A plasticizer may be added to the cellulose ester film of the present invention. These are represented by the general formula (1)
It can be used in combination with a compound having a structure shown by.

Examples of the plasticizer that can be used include, but are not limited to, phosphoric acid ester plasticizers, phthalic acid ester plasticizers, and citric acid ester plasticizers. The phosphoric acid ester type includes triphenyl phosphate, tricresyl phosphate, cresyl diphenyl phosphate, octyl diphenyl phosphate, diphenyl biphenyl phosphate, trioctyl phosphate, tributyl phosphate, etc., and the phthalic acid ester type includes diethyl phthalate and dimethoxyethyl phthalate. , Dimethyl phthalate, dioctyl phthalate, dibutyl phthalate,
Di-2-ethylhexyl phthalate, butyl benzyl phthalate, dibenzyl phthalate, butyl phthalyl butyl glycolate, ethyl phthalyl ethyl glycolate,
There is methylphthalylethyl glycolate and the like, and as citric acid ester plasticizers, triethyl citrate, tri-n-butyl citrate, acetyl triethyl citrate, acetyl tri-n-butyl citrate, acetyl tri-n- ( 2-Ethylhexyl) citrate and the like can be preferably used.

These are preferably used alone or in combination, and two or more kinds of these plasticizers may be used in combination, if necessary. The amount of the plasticizer used is preferably 1 to 30% by mass, more preferably 2 to 25% by mass, further preferably 2 to 15% by mass, and particularly preferably 3 to 12% by mass relative to the cellulose ester. It is% by mass.

The cellulose ester film of the present invention may contain, in addition to the above-mentioned plasticizer, an additive having the same action as the plasticizer. If these additives are low-molecular weight organic compounds capable of plasticizing the cellulose ester film, the effects of the present invention can be obtained similarly to the plasticizer. These components are not added for the purpose of directly plasticizing the film as compared with the plasticizer, but show the same action as the plasticizer depending on the amount.

An ultraviolet absorber is preferably added to the cellulose ester film of the present invention. For example, from the viewpoint of preventing deterioration of the liquid crystal, those having excellent absorption of ultraviolet rays having a wavelength of 370 nm or less and having little absorption of visible light having a wavelength of 400 nm or more are preferably used from the viewpoint of good liquid crystal display property. In the present invention, the transmittance at a wavelength of 370 nm is preferably 10% or less, more preferably 5% or less, still more preferably 1% or less.

The ultraviolet absorber used in the present invention is not particularly limited, and examples thereof include oxybenzophenone compounds,
Examples thereof include benzotriazole compounds, salicylate compounds, benzophenone compounds, cyanoacrylate compounds, nickel complex salt compounds, and inorganic powders.
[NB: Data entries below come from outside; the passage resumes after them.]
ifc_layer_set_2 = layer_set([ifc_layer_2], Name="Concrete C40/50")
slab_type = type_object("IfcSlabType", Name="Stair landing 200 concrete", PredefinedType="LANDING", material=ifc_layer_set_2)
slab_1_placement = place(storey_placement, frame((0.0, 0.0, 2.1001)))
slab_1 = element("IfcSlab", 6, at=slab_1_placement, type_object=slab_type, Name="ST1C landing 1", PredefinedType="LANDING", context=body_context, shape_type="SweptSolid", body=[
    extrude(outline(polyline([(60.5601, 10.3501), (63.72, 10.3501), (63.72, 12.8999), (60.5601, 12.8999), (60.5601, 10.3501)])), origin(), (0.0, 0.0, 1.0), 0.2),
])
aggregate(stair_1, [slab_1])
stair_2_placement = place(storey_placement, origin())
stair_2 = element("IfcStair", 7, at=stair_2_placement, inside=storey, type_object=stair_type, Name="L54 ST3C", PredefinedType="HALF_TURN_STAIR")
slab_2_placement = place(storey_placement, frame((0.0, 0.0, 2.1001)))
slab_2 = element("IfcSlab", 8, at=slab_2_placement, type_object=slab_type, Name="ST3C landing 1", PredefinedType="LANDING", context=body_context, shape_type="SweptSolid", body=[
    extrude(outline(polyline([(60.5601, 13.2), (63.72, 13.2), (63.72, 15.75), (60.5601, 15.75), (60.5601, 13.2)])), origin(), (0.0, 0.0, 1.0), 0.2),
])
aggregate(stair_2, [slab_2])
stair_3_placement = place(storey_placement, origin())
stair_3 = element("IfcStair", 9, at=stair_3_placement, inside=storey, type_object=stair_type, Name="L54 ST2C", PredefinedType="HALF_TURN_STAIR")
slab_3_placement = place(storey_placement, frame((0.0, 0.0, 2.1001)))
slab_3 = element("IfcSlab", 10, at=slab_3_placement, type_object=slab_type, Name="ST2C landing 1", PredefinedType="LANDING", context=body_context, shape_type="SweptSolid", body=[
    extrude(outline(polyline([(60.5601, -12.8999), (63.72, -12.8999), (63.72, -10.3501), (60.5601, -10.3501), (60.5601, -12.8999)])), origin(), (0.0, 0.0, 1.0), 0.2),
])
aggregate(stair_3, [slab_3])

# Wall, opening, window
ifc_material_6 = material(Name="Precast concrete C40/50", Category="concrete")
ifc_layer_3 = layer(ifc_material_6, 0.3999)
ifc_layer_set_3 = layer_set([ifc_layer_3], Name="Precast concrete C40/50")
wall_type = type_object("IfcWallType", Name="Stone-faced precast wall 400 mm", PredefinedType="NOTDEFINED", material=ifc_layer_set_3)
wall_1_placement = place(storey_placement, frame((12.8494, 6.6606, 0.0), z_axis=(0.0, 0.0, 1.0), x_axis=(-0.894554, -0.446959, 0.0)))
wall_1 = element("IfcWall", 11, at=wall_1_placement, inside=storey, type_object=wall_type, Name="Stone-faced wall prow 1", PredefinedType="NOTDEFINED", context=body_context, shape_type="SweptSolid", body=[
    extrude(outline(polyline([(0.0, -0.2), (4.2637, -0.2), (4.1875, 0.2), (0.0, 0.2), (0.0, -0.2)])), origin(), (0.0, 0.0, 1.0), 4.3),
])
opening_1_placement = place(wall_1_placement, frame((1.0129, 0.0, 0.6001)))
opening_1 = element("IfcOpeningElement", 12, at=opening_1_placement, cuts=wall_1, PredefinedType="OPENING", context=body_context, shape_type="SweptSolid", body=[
The ultraviolet absorbers preferably used in the present invention are preferably benzotriazole type ultraviolet absorbers and benzophenone type ultraviolet absorbers, which have high transparency and are excellent in the effect of preventing deterioration of the polarizing plate and the liquid crystal element, and are unnecessary. Benzotriazole-based UV absorbers with less coloration are particularly preferred.

Particularly, the ultraviolet absorber added to the cellulose ester film of the present invention is preferably an ultraviolet absorber having a distribution coefficient of 8.5 or more. If the UV absorber is less than 8.5, foreign matter failure tends to increase, and it becomes remarkable especially when the below-mentioned fine particles are added. Partition coefficient is 8.5
The use of the above ultraviolet absorbers has the effect of reducing the moisture permeability. In the present invention, the distribution coefficient is more preferably 9.0 or more, and more preferably 10.0 or more. It is more preferable that the molecule does not contain halogen.
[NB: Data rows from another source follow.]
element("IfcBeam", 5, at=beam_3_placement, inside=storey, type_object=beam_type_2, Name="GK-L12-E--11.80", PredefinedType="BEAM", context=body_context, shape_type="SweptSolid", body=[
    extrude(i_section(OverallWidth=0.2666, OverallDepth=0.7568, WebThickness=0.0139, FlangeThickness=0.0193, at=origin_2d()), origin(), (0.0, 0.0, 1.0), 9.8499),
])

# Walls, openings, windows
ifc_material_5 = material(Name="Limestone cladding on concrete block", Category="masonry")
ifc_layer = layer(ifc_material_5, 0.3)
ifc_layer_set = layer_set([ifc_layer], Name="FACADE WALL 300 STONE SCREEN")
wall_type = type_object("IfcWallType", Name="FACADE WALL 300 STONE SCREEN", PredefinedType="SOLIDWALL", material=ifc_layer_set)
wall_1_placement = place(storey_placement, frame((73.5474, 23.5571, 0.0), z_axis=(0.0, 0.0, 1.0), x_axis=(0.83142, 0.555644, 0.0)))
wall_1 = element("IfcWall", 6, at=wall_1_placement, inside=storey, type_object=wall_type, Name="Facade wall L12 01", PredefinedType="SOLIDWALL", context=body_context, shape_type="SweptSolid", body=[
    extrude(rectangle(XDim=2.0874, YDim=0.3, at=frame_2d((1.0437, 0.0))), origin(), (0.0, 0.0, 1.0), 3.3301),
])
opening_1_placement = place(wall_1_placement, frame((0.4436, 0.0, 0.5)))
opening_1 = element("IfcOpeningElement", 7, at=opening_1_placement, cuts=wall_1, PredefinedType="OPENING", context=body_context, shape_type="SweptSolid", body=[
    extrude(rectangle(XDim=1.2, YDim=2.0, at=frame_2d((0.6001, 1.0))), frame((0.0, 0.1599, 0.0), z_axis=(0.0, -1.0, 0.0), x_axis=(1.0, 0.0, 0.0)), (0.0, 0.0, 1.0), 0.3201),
The following is an example of an ultraviolet absorber that can be used in the cellulose ester film of the present invention.
It is not limited to this.

[0065]

[Chemical 8]

The partition coefficient represents the partition ratio of octanol and water which can be defined by the following formula. log Po / w, Po / w = So / Sw So: Solubility of the organic compound in n-octanol at 25 ° C. Sw: Solubility of the organic compound in pure water at 25 ° C. These are thus n-octanol In the present invention, these partition coefficients were calculated by HPLC, although it can be measured using water and water. This is a method using high performance chromatography, which is described in OECD guideline 117 partition coefficient (n-octanol / water) high performance chromatography method (adopted March 30, 1989). Shown in.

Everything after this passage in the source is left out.